VTK-m v1.0 is a header only library (future versions will exist as a static or shared library) that uses a data-parallel programming model. VTK-m was created from the merging of three efforts: DAX, EAVL, and PISTON. While VTK-m’s main focus is on scientific visualization, it can be used as a general purpose library for execution of supported architectures. It uses template-meta programming to provide flexible and performant execution, and VTK-m is currently under active development. The current version of Strawman uses the tagged 1.0 release that can be found at Kitware and the user guide can be found at m.vtk.org.

Supported operations:

  • Structured volume rendering
  • Ray tracing

Access to VTK-m filters are coming in a future release.

EAVL

EAVL is the Extreme-Scale Analysis and Visualization Library that was developed as a research project at Oak Ridge National Laboratory. EAVL’s focus was to develop a more flexible and efficient model for scientific data sets. EAVL uses a data-parallel programming model that abstracts away the underlying computer architecture, allowing algorithms developed in EAVL to be written once and executed on any supported architecture.
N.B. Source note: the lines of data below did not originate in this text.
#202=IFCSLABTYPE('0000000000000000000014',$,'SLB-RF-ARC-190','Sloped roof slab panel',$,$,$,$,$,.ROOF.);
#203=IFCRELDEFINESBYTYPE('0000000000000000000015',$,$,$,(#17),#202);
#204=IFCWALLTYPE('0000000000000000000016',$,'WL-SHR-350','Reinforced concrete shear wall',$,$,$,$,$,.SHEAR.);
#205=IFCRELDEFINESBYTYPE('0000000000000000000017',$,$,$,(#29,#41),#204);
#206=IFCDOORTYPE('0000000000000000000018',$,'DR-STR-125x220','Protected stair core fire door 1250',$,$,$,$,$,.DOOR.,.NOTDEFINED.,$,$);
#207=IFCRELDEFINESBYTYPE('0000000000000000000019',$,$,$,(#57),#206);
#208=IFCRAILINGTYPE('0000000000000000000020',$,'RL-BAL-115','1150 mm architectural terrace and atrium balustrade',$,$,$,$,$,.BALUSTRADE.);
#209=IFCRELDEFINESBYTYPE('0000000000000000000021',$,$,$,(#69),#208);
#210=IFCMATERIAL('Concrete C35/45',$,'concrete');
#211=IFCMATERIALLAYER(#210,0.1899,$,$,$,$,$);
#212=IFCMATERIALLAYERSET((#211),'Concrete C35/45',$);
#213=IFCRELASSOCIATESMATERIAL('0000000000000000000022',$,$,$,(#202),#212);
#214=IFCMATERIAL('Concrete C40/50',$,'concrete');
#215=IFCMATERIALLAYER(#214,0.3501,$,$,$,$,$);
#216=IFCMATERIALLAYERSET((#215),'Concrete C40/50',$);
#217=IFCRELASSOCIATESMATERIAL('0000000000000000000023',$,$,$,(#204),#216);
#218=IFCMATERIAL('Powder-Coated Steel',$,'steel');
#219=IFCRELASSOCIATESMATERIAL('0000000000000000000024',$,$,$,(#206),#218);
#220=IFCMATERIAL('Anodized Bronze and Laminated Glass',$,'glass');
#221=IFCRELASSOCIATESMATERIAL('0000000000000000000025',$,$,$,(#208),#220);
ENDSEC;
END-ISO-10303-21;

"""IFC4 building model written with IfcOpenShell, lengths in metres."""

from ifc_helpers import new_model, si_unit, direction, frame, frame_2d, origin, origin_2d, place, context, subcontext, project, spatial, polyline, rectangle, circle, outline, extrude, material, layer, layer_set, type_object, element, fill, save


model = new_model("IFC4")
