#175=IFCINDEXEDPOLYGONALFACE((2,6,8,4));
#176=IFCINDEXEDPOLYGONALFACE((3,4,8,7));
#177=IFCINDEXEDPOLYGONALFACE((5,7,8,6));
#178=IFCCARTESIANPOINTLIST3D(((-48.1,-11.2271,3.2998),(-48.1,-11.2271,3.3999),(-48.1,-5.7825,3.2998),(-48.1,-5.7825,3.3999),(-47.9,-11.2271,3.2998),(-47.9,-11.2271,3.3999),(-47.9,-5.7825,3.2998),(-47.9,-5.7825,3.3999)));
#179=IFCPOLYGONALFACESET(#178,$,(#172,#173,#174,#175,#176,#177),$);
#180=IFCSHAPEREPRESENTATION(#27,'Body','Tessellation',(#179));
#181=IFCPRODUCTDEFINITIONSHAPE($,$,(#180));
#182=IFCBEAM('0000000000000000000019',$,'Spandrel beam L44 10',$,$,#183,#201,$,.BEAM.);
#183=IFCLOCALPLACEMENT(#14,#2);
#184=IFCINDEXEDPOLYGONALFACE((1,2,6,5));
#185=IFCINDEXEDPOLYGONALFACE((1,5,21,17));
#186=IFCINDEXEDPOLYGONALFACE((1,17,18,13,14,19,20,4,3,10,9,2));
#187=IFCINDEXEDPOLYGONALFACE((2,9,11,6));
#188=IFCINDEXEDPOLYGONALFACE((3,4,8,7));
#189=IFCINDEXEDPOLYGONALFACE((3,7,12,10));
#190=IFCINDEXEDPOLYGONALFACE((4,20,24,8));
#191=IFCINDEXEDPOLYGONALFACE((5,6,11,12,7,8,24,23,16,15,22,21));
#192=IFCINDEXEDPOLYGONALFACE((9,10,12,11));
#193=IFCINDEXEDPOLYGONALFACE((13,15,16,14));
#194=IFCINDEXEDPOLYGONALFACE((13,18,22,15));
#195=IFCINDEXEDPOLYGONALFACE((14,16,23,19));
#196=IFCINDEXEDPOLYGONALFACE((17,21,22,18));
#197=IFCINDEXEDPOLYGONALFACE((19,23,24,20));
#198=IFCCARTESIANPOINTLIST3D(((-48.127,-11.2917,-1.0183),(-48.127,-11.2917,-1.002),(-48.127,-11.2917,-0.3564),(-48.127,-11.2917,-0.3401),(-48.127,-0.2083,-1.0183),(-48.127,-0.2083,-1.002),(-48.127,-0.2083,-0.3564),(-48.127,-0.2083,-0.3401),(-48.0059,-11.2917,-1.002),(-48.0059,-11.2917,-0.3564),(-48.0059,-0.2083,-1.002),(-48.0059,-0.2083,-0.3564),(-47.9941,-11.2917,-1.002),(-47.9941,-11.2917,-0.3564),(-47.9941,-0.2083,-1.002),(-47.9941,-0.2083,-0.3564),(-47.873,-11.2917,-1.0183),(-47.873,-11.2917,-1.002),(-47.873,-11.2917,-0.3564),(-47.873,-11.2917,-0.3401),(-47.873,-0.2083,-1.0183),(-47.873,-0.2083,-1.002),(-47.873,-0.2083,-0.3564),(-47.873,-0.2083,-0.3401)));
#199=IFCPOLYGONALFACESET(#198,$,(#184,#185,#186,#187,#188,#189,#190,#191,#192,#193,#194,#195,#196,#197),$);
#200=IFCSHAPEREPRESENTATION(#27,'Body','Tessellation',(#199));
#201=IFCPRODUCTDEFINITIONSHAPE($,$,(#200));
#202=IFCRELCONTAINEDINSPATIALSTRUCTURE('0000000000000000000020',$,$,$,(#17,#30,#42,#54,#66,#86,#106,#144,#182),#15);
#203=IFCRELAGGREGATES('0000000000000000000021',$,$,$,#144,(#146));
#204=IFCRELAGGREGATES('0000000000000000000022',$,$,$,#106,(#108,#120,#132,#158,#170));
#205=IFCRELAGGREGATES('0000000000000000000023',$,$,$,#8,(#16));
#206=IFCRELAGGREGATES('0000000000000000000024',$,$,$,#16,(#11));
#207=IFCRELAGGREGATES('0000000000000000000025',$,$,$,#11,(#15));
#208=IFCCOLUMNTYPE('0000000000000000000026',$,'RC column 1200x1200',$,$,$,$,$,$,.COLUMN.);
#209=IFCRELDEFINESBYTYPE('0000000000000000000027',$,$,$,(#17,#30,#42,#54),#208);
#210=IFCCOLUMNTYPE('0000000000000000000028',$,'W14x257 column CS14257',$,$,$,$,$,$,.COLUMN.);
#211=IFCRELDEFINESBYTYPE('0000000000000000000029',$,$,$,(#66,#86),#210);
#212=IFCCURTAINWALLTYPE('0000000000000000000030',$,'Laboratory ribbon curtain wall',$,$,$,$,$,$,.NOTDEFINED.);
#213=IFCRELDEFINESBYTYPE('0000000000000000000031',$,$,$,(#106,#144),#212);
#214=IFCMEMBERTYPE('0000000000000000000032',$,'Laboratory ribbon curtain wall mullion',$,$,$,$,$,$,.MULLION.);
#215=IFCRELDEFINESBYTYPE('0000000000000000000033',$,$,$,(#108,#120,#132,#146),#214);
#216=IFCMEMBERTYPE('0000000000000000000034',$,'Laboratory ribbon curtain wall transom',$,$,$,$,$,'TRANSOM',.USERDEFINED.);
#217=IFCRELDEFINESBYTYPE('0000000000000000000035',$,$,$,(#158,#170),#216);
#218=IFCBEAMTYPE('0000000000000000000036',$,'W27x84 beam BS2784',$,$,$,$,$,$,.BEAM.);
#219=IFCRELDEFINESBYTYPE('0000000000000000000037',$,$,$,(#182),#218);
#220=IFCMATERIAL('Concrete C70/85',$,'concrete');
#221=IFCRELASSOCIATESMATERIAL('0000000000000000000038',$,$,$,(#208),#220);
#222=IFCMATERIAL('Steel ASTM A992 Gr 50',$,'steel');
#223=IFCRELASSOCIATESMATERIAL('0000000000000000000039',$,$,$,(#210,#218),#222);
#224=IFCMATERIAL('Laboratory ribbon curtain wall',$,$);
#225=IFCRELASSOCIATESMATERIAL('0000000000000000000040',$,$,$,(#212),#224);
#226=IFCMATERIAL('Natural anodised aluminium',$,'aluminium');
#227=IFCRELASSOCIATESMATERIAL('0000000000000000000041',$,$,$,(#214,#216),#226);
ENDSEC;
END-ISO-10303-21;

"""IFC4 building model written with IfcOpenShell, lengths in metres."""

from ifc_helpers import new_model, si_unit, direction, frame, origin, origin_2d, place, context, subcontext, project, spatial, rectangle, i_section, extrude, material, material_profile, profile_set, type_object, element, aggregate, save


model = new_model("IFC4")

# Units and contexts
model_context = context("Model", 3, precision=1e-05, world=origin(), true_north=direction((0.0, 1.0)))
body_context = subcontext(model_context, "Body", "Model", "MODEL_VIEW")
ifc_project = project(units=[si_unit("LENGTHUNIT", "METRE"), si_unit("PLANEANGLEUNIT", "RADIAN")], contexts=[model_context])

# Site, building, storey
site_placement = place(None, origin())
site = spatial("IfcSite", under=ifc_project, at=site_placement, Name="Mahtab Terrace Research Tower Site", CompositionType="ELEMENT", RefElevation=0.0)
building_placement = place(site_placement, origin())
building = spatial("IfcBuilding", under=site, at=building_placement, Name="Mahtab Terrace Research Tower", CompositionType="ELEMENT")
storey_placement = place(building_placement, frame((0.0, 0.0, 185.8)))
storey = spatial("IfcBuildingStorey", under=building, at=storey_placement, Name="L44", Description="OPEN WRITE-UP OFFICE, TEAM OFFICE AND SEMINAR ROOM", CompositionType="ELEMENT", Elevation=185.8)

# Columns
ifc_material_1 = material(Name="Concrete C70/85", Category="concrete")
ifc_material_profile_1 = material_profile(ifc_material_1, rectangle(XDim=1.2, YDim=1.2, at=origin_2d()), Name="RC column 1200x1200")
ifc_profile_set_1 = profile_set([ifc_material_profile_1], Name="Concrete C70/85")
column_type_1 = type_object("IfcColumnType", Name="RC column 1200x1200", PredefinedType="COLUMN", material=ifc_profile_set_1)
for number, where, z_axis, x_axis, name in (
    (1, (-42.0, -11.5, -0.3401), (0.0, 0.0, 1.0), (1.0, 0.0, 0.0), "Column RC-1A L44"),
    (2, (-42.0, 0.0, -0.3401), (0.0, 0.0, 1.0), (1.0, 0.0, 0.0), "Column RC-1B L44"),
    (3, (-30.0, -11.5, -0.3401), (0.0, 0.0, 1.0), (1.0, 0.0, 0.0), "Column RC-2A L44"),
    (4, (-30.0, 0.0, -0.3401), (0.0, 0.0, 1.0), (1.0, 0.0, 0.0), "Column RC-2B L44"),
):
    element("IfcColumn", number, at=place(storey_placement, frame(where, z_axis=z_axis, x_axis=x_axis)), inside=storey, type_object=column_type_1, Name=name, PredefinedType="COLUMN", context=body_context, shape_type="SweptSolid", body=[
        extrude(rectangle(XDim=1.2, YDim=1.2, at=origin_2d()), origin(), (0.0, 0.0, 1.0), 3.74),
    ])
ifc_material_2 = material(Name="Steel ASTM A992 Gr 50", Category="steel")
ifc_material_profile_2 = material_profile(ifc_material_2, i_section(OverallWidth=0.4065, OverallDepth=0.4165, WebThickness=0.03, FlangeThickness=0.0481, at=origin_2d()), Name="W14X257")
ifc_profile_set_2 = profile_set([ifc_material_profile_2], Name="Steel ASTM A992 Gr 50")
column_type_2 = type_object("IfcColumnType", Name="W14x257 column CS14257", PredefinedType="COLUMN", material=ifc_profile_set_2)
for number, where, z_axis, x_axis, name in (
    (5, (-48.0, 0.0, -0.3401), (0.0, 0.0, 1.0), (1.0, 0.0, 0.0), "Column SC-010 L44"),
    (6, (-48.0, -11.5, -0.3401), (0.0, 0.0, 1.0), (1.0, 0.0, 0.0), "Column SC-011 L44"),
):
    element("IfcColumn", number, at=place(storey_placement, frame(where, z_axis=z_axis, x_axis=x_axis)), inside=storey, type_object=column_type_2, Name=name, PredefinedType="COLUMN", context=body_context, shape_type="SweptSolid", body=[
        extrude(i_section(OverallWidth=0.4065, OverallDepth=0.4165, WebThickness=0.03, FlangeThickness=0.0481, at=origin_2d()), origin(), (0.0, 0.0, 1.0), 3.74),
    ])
Serial, OpenMP, and CUDA back-ends are supported in EAVL. EAVL is no longer under active development, and it efforts have been absorbed into VTK-m. The branch used by Strawman can be found on EAVL’s github page as well as the documentation. EAVL is no longer under active development, as the devopers efforts now go toward the VTK-m project.

Supported operations:

  • Strucutured and unstructured volume rendering
  • Ray tracing
  • Rasterization (OSMesa)
  • Limited filter support

Blueprint HDF5

This pipeline saves published mesh data to a set of hdf5 files that can be read by the VisIt Blueprint plugin (planned to be released with VisIt 2.13).

Empty

The empty pipeline contains all the boilerplate code needed to started implementing a custom pipeline and is meant to serve as a staring place for those that wish to create a pipeline from scratch.